1. Let $n$ be an integer greater than two, and let $A_1,A_2, \cdots , A_{2n}$ be pairwise distinct subsets of $\{1, 2, ,n\}$. Determine the maximum value of \[\sum_{i=1}^{2n} \dfrac{|A_i \cap A_{i+1}|}{|A_i| \cdot |A_{i+1}|}.\] Where $A_{2n+1}=A_1$ and $|X|$ denote the number of elements in $X.$
2. In triangle $ABC$, $AB = AC$. Point $D$ is the midpoint of side $BC$. Point $E$ lies outside the triangle $ABC$ such that $CE \perp AB$ and $BE = BD$. Let $M$ be the midpoint of segment $BE$. Point $F$ lies on the minor arc $\widehat{AD}$ of the circumcircle of triangle $ABD$ such that $MF \perp BE$. Prove that $ED \perp FD.$
3. Prove that for every given positive integer $n$, there exists a prime $p$ and an integer $m$ such that
   a) $p \equiv 5 \pmod 6$.
   b) $p \nmid n$.
   c) $n \equiv m^3 \pmod p$.
4. Let $x_1,x_2,\cdots,x_n$ be real numbers with $x_1^2+x_2^2+\cdots+x_n^2=1$. Prove that \[\sum_{k=1}^{n}\left(1-\dfrac{k}{{\sum_{i=1}^{n} ix_i^2}}\right)^2 \cdot \dfrac{x_k^2}{k} \leq \left(\dfrac{n-1}{n+1}\right)^2 \sum_{k=1}^{n} \dfrac{x_k^2}{k}.\] Determine when does the equality hold?
5. Let $f(x)$ and $g(x)$ be strictly increasing linear functions from $\mathbb R $ to $\mathbb R $ such that $f(x)$ is an integer if and only if $g(x)$ is an integer.
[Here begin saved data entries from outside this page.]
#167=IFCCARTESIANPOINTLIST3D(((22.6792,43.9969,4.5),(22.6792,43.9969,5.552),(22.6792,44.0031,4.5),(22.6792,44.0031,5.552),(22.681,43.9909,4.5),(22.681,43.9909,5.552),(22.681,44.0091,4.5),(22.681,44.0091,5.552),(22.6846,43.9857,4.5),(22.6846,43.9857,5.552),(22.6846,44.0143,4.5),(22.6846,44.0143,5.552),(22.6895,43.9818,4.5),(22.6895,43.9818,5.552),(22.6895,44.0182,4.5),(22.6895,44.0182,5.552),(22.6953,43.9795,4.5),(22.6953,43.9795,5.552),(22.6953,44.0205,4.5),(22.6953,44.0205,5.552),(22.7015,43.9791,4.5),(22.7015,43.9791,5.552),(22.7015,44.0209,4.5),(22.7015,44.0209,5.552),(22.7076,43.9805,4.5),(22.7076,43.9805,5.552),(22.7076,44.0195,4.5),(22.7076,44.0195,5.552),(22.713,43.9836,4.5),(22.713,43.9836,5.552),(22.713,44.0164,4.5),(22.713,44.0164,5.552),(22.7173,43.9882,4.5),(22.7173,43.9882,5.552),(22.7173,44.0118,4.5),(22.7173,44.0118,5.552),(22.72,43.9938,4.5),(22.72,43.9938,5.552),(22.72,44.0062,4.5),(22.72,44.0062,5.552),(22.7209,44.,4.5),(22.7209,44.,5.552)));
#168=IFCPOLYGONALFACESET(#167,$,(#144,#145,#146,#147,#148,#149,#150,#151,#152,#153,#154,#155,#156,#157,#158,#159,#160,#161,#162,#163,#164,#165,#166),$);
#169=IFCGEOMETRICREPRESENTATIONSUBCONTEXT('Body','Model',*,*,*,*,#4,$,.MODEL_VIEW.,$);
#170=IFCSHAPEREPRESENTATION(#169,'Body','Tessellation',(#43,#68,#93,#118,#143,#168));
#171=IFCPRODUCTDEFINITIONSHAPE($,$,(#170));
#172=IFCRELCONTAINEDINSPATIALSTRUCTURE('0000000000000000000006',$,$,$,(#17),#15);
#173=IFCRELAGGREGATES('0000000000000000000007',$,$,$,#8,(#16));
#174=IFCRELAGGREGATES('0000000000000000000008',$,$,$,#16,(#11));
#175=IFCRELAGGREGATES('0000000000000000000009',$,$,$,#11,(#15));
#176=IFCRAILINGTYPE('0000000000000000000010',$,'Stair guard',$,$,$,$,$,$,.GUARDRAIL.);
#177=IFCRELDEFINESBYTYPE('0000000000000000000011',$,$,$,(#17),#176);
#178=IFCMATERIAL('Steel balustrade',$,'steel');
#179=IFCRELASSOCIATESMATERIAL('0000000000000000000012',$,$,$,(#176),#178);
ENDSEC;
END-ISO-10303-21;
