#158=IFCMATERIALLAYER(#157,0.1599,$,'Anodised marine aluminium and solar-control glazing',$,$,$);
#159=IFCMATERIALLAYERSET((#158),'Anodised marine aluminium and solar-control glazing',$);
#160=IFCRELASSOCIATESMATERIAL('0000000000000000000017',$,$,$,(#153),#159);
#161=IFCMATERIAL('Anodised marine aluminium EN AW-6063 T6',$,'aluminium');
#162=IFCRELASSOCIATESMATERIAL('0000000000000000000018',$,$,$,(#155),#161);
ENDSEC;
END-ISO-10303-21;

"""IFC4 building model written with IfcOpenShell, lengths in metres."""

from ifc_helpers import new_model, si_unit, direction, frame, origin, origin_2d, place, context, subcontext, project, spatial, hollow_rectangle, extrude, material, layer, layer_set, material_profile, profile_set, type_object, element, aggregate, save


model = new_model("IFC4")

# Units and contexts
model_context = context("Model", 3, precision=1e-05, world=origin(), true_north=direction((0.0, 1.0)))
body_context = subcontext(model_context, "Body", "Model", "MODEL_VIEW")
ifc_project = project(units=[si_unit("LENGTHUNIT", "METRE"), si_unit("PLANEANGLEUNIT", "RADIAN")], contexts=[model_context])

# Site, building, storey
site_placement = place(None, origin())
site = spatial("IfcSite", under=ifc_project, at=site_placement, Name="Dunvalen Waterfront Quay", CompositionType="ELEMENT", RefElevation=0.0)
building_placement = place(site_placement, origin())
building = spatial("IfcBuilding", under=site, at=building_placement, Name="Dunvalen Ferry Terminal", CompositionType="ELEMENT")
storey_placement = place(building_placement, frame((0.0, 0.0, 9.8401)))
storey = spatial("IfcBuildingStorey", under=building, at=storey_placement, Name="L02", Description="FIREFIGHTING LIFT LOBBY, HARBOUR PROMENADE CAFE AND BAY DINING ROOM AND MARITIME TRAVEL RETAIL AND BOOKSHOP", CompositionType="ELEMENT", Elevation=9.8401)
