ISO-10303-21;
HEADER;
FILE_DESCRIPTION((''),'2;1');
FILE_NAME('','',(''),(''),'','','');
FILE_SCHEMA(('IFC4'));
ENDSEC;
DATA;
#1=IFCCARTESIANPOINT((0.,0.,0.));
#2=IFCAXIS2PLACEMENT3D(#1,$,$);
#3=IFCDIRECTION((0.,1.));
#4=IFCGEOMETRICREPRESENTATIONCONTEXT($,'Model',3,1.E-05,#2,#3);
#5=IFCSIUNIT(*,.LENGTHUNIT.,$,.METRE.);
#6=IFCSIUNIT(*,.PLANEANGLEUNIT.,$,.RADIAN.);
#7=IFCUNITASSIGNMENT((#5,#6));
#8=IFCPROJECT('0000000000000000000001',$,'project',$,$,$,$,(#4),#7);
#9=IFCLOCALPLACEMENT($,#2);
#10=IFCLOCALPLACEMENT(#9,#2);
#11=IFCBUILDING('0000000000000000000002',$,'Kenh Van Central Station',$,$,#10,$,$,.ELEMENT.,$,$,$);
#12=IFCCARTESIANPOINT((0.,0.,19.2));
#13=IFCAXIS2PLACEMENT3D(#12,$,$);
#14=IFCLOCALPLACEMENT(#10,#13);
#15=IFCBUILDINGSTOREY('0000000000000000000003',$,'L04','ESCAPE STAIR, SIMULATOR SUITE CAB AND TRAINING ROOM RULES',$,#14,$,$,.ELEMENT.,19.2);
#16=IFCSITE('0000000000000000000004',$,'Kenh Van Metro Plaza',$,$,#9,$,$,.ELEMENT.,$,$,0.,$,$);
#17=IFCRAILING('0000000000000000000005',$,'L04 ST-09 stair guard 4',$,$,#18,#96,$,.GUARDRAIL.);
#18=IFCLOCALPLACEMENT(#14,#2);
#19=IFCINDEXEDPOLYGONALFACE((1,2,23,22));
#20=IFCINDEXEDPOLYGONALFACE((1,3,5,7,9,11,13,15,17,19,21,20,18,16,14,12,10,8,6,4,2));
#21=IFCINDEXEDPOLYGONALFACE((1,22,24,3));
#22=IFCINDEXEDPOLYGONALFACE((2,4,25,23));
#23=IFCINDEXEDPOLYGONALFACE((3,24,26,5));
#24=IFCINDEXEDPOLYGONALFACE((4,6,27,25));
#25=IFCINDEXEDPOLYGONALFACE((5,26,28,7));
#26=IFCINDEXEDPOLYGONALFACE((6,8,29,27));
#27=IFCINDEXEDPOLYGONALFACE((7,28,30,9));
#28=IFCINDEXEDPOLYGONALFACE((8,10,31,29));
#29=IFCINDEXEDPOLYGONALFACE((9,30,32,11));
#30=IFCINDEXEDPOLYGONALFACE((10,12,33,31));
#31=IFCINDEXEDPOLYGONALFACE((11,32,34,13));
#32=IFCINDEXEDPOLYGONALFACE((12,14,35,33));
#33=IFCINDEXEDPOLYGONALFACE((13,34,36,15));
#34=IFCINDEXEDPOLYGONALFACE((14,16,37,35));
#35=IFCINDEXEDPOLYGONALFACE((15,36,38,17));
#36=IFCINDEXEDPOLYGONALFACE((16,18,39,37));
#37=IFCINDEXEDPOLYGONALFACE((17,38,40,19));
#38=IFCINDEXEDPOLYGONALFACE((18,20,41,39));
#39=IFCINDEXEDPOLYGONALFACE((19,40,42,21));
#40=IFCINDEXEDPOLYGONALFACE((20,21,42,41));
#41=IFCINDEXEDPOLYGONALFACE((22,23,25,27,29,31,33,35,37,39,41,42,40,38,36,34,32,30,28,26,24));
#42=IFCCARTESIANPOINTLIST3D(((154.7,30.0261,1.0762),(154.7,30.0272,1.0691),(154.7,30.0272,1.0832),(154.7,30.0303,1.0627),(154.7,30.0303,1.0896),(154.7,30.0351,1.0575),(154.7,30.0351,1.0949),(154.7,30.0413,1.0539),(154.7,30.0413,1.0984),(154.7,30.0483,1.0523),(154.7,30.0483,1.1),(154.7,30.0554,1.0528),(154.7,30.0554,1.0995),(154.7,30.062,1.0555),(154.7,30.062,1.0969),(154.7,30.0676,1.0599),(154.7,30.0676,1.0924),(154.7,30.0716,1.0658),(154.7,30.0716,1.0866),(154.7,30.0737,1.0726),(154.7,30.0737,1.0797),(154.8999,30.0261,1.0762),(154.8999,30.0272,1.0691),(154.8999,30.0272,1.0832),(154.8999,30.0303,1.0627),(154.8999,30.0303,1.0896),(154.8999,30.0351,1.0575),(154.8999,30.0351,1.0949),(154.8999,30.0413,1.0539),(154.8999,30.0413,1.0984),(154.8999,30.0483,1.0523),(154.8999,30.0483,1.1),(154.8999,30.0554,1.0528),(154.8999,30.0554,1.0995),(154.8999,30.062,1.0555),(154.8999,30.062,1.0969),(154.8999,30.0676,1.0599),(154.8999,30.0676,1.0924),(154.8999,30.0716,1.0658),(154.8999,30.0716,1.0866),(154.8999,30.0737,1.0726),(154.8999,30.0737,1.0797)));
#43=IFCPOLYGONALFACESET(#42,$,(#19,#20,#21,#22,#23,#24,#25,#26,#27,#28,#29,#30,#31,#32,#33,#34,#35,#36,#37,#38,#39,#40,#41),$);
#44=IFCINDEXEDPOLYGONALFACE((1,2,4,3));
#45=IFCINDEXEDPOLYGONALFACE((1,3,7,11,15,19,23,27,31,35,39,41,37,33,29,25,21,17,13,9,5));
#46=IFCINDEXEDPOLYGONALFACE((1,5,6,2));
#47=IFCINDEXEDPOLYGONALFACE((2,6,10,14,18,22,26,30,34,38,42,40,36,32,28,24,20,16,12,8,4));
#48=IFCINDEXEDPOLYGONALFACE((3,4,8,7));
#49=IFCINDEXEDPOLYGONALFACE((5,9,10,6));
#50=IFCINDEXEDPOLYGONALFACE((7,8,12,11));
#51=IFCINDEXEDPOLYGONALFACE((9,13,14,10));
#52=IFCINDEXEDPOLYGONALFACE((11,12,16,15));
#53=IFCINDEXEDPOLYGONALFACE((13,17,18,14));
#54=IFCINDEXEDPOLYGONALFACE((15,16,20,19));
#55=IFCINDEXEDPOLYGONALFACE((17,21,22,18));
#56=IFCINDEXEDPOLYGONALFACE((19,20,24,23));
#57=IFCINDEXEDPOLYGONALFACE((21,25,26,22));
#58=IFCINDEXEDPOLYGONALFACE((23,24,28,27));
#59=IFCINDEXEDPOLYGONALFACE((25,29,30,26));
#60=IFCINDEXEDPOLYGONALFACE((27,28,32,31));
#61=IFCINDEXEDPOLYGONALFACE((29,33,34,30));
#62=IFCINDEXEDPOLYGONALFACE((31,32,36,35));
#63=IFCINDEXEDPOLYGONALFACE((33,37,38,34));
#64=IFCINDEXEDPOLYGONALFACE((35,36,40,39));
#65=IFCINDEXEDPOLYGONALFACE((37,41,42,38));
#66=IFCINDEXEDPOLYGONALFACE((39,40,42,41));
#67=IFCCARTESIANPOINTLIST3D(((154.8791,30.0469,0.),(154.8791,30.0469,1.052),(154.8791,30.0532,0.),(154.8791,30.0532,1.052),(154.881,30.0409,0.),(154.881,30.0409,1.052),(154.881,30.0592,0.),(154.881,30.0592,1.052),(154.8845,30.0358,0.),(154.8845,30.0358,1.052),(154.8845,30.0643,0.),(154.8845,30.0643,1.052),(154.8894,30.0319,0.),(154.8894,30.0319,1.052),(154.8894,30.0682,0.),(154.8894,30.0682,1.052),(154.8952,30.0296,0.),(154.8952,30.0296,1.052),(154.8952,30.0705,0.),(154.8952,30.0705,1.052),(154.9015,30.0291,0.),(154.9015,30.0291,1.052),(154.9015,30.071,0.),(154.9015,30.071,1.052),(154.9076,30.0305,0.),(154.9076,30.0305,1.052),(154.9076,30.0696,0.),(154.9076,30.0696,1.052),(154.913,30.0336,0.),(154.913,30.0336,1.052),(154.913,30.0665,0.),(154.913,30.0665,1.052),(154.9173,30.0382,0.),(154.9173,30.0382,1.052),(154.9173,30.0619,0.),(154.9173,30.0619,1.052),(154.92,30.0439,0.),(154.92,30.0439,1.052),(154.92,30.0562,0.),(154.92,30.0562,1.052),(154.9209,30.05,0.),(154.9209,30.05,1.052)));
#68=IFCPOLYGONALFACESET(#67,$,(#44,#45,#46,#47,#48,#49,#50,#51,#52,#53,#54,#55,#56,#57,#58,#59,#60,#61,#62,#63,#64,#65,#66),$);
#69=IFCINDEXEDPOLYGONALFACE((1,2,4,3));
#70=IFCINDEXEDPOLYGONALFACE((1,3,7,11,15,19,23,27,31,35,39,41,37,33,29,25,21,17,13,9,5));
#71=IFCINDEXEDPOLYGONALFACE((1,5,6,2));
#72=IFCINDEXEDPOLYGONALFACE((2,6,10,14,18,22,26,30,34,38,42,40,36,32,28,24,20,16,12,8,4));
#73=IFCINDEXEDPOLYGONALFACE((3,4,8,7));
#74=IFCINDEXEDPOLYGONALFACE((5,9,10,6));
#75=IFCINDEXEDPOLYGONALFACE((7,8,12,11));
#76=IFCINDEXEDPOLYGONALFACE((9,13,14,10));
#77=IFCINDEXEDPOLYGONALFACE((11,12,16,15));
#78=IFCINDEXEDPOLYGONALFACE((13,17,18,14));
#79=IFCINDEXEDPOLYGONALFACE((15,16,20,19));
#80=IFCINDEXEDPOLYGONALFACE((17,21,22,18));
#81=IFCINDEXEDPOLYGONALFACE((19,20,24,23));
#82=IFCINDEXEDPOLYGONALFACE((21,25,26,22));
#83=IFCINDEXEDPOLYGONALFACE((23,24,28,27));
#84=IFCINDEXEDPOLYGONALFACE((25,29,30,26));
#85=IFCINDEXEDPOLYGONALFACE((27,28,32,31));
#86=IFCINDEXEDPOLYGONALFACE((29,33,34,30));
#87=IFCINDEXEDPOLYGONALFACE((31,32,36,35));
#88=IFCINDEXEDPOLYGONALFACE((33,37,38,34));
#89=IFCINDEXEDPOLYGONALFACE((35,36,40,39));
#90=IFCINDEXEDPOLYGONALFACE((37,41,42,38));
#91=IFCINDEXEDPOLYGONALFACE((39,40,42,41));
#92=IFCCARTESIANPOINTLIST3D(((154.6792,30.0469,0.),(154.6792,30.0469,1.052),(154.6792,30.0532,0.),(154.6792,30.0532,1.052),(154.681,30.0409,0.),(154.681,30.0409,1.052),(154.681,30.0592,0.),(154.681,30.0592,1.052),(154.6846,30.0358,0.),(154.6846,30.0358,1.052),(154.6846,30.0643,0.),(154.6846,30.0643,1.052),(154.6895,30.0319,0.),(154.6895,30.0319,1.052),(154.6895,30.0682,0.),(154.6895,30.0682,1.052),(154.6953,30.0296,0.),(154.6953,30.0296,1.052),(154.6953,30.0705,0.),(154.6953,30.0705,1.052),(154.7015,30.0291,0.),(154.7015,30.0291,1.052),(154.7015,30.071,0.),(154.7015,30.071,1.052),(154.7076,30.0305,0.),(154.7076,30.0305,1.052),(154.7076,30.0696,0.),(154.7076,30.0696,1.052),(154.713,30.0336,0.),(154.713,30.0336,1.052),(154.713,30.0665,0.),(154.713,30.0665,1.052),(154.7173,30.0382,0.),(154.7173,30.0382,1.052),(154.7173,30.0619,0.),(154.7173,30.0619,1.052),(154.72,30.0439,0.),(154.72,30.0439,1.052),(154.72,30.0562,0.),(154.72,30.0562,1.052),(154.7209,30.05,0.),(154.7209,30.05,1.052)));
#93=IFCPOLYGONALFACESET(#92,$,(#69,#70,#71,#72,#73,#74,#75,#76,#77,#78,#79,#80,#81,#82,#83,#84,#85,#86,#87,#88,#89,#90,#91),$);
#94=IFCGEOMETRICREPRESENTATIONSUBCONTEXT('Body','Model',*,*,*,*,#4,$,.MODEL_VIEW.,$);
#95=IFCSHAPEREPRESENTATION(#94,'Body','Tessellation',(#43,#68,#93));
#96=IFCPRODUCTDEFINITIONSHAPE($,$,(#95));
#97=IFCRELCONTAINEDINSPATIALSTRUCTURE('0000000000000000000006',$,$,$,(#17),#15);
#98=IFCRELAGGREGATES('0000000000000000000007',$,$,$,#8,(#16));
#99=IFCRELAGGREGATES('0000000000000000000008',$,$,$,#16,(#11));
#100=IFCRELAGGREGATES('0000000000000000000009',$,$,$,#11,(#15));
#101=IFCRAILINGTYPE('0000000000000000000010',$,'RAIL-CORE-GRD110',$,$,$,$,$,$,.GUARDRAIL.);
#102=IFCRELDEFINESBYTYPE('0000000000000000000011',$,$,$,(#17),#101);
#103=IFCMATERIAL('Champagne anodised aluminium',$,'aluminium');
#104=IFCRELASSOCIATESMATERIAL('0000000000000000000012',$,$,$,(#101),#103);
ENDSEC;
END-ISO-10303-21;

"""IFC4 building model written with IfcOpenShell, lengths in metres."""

from ifc_helpers import new_model, si_unit, direction, frame, origin, origin_2d, place, context, subcontext, project, spatial, circle, extrude, material, type_object, element, save


model = new_model("IFC4")

# Units and contexts
model_context = context("Model", 3, precision=1e-05, world=origin(), true_north=direction((0.0, 1.0)))
body_context = subcontext(model_context, "Body", "Model", "MODEL_VIEW")
ifc_project = project(units=[si_unit("LENGTHUNIT", "METRE"), si_unit("PLANEANGLEUNIT", "RADIAN")], contexts=[model_context])

# Site, building, storey
site_placement = place(None, origin())
site = spatial("IfcSite", under=ifc_project, at=site_placement, Name="Kenh Van Metro Plaza", CompositionType="ELEMENT", RefElevation=0.0)
building_placement = place(site_placement, origin())
building = spatial("IfcBuilding", under=site, at=building_placement, Name="Kenh Van Central Station", CompositionType="ELEMENT")
storey_placement = place(building_placement, frame((0.0, 0.0, 19.2)))
storey = spatial("IfcBuildingStorey", under=building, at=storey_placement, Name="L04", Description="ESCAPE STAIR, SIMULATOR SUITE CAB AND TRAINING ROOM RULES", CompositionType="ELEMENT", Elevation=19.2)

# Shared definitions
ifc_material_1 = material(Name="Champagne anodised aluminium", Category="aluminium")

# Railing
railing_type_1 = type_object("IfcRailingType", Name="RAIL-CORE-GRD110", PredefinedType="GUARDRAIL", material=ifc_material_1)
railing_1_placement = place(storey_placement, frame((154.8999, 30.05, 0.0)))
element("IfcRailing", 1, at=railing_1_placement, inside=storey, type_object=railing_type_1, Name="L04 ST-09 stair guard 4", PredefinedType="GUARDRAIL", context=body_context, shape_type="SweptSolid", body=[
    extrude(circle(Radius=0.0239, at=origin_2d()), frame((0.0, 0.0, 1.0762), z_axis=(-1.0, 0.0, 0.0), x_axis=(0.0, -1.0, 0.0)), (0.0, 0.0, 1.0), 0.2),
    extrude(circle(Radius=0.021, at=origin_2d()), origin(), (0.0, 0.0, 1.0), 1.052),
    extrude(circle(Radius=0.021, at=origin_2d()), frame((-0.2, 0.0, 0.0)), (0.0, 0.0, 1.0), 1.052),
])

save(model, "model.ifc")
Prove that for any real number $x$, $f(x)-g(x)$ is an integer.
6. In acute triangle $ABC$, $AB > AC$. Let $M$ be the midpoint of side $BC$. The exterior angle bisector of $\widehat{BAC}$ meet ray $BC$ at $P$. Point $K$ and $F$ lie on line $PA$ such that $MF \perp BC$ and $MK \perp PA$. Prove that $$BC^2 = 4 PF \cdot AK.$$
7. For given integer $n \geq 3$, set $S =\{p_1, p_2, \cdots, p_m\}$ consists of permutations $p_i$ of $(1, 2, \cdots, n)$. Suppose that among every three distinct numbers in $\{1, 2, \cdots, n\}$, one of these number does not lie in between the other two numbers in every permutations $p_i$ ($1 \leq i \leq m$). (For example, in the permutation $(1, 3, 2, 4)$, $3$ lies in between $1$ and $4$, and $4$ does not lie in between $1$ and $2$.) Determine the maximum value of $m$.
8. Determine the least odd number $a > 5$ satisfying the following conditions: There are positive integers $m_1$, $m_2$, $n_1$, $n_2$ such that $a=m_1^2+n_1^2$, $a^2=m_2^2+n_2^2$, and $m_1-n_1=m_2-n_2.$